Technical adjustments have also been applied with regards to SEMS for malignant gastric outlet obstruction. However, this has not led to a significant reduction of SEMS-related adverse events. Nevertheless, this thesis demonstrates good clinical efficacy and an acceptable safety profile of a new uncovered duodenal SEMS within a large study population. Prospective registration and publication of the application of new devices is recommended. This may reveal potential technical shortcomings at an early stage as was seen in a clinical evaluation of a new partially covered duodenal SEMS. In multiple patients broken struts were encountered, which prompted for discontinuation of the trial. Although duodenal SEMS covering seems to prevent ingrowth, the benefit of anti-migration features remains to be established.

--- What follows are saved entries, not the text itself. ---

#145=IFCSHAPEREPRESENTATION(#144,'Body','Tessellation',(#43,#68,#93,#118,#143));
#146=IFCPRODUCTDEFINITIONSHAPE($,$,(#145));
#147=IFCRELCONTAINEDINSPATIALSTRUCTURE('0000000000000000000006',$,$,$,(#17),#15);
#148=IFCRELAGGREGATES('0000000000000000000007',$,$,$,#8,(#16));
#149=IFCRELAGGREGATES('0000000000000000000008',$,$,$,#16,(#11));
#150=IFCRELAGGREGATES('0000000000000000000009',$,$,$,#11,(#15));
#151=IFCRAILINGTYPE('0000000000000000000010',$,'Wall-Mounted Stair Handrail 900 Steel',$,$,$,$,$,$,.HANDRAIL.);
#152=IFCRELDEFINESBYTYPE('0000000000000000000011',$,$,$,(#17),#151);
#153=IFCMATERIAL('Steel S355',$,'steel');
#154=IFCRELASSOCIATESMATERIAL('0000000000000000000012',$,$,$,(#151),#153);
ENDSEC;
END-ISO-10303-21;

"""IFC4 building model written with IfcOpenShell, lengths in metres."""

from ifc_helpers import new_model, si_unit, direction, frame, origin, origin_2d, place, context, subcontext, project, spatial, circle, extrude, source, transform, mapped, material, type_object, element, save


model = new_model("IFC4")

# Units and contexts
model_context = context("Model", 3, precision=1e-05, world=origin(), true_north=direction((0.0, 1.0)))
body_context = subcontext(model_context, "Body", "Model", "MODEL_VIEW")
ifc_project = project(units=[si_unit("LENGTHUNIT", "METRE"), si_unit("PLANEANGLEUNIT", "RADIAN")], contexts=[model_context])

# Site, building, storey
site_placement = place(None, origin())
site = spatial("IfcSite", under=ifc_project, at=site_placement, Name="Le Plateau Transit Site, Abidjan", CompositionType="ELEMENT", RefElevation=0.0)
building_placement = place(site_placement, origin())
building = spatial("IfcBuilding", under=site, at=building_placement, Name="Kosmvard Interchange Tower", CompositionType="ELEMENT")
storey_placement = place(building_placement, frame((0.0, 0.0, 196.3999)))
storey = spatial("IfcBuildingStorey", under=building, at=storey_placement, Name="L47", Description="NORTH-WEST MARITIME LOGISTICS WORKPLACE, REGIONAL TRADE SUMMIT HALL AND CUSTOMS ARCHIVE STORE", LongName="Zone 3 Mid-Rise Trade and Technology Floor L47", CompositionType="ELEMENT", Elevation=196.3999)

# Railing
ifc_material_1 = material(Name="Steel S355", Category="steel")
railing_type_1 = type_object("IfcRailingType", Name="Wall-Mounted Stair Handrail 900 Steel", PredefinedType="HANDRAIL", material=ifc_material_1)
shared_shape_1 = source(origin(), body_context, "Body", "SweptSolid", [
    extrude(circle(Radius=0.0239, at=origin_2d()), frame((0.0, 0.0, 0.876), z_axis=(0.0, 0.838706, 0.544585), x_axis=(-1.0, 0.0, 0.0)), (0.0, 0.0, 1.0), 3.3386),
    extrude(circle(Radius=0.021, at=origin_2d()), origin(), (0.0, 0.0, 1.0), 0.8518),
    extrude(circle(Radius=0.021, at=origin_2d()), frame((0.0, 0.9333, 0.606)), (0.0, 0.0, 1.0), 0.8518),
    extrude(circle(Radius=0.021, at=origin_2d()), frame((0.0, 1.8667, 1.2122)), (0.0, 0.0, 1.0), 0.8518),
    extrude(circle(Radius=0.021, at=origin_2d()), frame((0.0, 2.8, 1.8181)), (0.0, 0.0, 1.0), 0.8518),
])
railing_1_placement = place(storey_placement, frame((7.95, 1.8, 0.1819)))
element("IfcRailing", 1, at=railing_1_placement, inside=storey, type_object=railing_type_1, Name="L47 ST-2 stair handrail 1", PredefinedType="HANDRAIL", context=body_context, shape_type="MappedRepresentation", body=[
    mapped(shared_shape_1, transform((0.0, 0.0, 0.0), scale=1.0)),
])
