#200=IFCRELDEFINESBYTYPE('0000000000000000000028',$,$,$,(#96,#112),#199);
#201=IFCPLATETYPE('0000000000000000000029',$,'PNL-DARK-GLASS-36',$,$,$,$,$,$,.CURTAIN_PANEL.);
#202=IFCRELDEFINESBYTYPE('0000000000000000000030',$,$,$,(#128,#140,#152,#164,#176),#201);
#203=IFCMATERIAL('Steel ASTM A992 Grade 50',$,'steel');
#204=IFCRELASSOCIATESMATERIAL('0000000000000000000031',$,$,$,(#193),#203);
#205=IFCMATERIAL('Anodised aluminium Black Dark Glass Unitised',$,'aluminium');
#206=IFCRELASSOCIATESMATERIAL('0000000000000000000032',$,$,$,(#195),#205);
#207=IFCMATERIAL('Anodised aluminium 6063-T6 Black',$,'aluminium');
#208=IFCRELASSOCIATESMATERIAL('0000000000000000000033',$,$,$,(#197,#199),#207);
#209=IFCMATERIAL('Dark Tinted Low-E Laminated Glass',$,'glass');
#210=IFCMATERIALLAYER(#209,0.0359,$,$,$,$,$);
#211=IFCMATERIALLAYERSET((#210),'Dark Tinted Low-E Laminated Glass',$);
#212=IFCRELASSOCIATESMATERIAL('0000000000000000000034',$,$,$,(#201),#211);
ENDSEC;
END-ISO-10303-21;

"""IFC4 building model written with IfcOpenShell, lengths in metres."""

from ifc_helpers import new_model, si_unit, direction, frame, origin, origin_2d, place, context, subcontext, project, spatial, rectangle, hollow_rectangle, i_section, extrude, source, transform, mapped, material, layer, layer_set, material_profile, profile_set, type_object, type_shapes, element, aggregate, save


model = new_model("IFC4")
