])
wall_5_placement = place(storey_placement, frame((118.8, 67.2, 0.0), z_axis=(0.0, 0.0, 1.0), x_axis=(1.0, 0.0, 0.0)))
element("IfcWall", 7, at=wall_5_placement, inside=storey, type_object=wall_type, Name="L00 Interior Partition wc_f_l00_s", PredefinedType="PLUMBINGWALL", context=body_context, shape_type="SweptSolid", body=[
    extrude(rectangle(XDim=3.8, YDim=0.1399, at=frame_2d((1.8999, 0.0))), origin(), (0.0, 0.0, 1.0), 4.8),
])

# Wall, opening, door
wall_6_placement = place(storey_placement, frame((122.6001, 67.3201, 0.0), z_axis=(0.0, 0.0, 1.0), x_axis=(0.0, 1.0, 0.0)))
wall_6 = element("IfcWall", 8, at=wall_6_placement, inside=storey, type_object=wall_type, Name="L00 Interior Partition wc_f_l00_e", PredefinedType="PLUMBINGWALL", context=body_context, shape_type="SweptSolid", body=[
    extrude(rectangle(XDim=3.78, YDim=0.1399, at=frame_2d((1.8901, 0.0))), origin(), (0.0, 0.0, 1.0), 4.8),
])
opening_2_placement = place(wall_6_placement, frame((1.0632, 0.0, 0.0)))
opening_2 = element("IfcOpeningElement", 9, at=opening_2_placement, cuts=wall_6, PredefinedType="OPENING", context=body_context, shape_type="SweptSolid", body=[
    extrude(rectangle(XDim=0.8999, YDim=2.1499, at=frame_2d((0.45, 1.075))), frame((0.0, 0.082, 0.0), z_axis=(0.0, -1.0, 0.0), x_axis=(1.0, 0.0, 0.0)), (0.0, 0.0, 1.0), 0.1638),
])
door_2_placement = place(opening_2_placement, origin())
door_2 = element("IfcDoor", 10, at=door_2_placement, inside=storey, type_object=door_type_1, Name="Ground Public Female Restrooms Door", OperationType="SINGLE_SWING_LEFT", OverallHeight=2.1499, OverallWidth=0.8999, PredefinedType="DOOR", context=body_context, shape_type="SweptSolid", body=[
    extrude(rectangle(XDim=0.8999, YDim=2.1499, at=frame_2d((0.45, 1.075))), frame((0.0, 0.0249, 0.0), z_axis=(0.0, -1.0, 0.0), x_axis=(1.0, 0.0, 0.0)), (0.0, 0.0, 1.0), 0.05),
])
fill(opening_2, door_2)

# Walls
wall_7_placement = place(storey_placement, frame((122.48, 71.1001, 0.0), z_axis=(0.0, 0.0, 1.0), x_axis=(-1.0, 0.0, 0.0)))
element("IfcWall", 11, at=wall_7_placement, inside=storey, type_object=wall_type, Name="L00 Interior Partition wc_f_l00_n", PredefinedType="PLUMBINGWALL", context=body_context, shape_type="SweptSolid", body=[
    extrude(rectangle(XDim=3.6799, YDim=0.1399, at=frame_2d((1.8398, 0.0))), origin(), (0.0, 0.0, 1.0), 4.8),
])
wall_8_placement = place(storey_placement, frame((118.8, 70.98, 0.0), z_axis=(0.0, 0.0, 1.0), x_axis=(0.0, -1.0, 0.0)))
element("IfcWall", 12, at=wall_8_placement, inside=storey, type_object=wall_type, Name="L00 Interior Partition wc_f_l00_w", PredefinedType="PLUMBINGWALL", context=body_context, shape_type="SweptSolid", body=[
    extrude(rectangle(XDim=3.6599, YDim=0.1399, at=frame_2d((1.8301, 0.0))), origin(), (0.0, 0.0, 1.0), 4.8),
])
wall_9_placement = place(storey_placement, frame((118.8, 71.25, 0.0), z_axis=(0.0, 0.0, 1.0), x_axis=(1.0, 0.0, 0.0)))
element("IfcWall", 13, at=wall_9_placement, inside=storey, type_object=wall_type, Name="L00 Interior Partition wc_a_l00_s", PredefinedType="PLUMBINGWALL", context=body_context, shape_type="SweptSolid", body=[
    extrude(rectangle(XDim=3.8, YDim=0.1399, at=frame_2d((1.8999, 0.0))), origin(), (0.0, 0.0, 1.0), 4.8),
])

Technology in the field of SEMS therapy is continuously evolving. Future innovations to suppress tumor or tissue growth include drug-eluting stents and stents with the ability to release photothermal energy [48, 49]. These more advanced developments are to be encouraged. However, our knowledge of the mechanistic behaviour of metal stents in relation to anatomy and clinical outcome is still not fully evolved and deserves continued investigation. Ideally, the effect of a single modification to a particular stent design should be established in preclinical testing before introduction in humans. The lack of access to representative animal or in vivo models is however challenging. Controlled trials on distinct SEMSs, preferably in a randomized fashion, should therefore be promoted. It is evident that combining efforts through multicenter collaborations is crucial in order to include a sufficient number of patients to provide strong scientifically sound recommendations. In addition, a more accurate assessment of the risk profile based on patient-related characteristics is needed. This should ultimately lead to individually based SEMS therapy to ensure an optimal clinical outcome.